“Anna Karenina”: State Theatre, Constance
Dana Rufolo in Constance
29 October 2021
Extracting a two-hour long play out of a one thousand-page novel is always a forceps birth, and every dramaturge or adapter wrestles with the problem in her or his own way; Armin Petras, who is responsible for the adaptation of Anna Karenina (with that four-letter word “nach” yet again!), has retained the personality of the original in an honest way; the body of the original novel is there, and its core has been sculpted out of the mass of details that would overburden a drama.
Pauline Werner in Anna Karenina. Photo credit: Bjørn Jansen.
Essentially, Anna (Kristina Lotta Kahlert) succumbs to Vronsky (Sven Dolinski) as she always has and always will; Kitty (Pauline Werner) is won over by Konstantin Levin (Ioachim-Wilhelm Zarculea) who in this version sees himself as “hässlich” or “ugly” though as love takes over he is in her eyes a “bear” of a man, a masculine image; Dolly (Tülin Pektas) claims to be sick to death of being a mom but adores her children and tolerates husband Stefan (Thomas Jung) all the same; and society (Russian/ Western/bourgeois) is a protagonist in its successful imprinting of its moral laws on those who are slavishly sensitive to the horrors of guilt once passion has died away. In this version, Anna’s own internalization of right and wrong is as much the killer as her lover’s impetuousness and restlessness.
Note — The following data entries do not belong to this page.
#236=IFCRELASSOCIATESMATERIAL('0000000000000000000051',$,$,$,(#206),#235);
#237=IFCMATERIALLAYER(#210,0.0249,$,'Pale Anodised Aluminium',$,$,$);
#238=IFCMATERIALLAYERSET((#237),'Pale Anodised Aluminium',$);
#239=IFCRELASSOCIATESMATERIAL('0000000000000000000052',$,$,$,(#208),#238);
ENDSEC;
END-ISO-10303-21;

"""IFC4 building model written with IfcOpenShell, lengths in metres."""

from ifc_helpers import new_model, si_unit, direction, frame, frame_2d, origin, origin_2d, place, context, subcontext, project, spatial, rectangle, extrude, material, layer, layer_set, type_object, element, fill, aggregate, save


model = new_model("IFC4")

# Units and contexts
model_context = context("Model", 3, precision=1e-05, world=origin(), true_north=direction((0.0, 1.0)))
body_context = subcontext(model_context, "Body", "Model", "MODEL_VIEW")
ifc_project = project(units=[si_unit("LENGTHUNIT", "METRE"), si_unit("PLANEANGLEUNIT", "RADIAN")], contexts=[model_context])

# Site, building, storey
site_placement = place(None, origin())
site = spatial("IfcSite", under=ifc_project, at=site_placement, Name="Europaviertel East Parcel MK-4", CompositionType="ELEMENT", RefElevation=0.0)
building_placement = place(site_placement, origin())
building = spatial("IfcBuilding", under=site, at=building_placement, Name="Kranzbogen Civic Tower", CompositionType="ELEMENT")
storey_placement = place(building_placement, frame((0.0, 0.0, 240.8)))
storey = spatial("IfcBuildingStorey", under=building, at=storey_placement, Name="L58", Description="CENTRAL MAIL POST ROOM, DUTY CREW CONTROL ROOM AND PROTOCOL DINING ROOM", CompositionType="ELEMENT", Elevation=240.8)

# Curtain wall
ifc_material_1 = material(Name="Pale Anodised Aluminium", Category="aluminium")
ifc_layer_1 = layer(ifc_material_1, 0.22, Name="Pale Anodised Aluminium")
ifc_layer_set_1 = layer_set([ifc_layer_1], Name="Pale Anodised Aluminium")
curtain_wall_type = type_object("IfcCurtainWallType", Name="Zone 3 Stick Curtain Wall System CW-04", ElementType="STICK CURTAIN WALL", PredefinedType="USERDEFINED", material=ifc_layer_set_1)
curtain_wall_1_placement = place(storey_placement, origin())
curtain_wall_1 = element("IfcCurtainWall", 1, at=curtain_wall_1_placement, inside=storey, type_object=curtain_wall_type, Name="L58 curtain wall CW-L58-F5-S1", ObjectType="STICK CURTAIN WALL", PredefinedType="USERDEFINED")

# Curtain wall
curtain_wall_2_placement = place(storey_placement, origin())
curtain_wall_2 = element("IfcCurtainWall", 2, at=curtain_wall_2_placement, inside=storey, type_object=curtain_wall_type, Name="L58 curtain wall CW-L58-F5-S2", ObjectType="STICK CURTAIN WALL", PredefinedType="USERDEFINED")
If one wanted to be approximate, one could call this staging of Anna Karenina another example of the classical Brechtian alienation effect (Verfremdungseffekt), but I see the working of something subtler – I shall call it an “existential effect” for want of a formal or pre-existent term. The actors switch from introspecting out loud about their characters to staging scenes of conflict or emotional outburst lengthy enough to be dramatically satisfying for the audience – in other words, they are not show-and-tell scenes staged so as to support the stream of narrative but are moments of activity and assertion. The dual nature of this kind of “existential” character portrayal is further supported by the cast together simultaneously on stage for the most part; the characters which are not narrating or acting sit passively watching the action – not even really watching it, rather dozing. The effect of this detail is to create an ambiance where the action just goes steam rolling along, outside of human control, because each person is stitched tight inside her or his own skin, personal identity, and fate.
Sven Dolinski and Kristina Lotta Kahlert in Anna Karenina. Photo credit: Bjørn Jansen.
If you choose not to be seduced by the philosophical overreach of this production, you will nonetheless find reason to be enchanted by its lavish beauty. The women actresses particularly are beautiful without exception, their costumes (by Katrin Kersten) are divine, and Mona Kraushaar’s directorial emphasis has been on developing a flow of appropriate hand and arm action, gestures emphasizing words and phrases gracefully. The men too, though more stiff, have been granted a degree of expressivity and are apt to climb the stagey spiral staircase reaching into the heavens during key speeches. But overall it is a feminine world into which the men have tumbled, taking the audience along with them. We never witness the train accident suicides, neither the initial one which is significantly only reported, nor the final one; Anna merely describes what befalls her character while seated on one of the stage’s side benches that have served the characters as time-out in a society game all along.
You may ask why (other than the fact that I am presently living in Constance) I think it important to write, from time to time, about the theatre in this provincial town. German state theatres are linked through the system of subsidies they all receive; even a small state theatre such as the one in Constance contributes to the overall German theatre scene. One unexpected way by which influence spreads is through the monthly theatre magazine Theater Heute, which functions very much like a trade magazine; prior to the SARS-CoV-2 pandemic, nearly every German state theatre regularly took out a one-page or half-page ad in it to announce the programme of the current theatre season. There is a lot of copycat programming in Germany, and so even a small house may well influence the choices of an important theatre such as the Schaubühne in Berlin or the Thalia Theater in Hamburg. Additionally, actors tend to move from theatre to theatre throughout Germany (even if some go off to Austria or Switzerland) during their careers. Constance is considered a very good theatre to start at for young actors fresh out of acting school, and when they leave their referencing the Constance theatre keeps it in the active memory of the inevitable actors’ network they are a part of. So, covering Constance productions is justified not even as local reportage but as reflective of trends in Germany.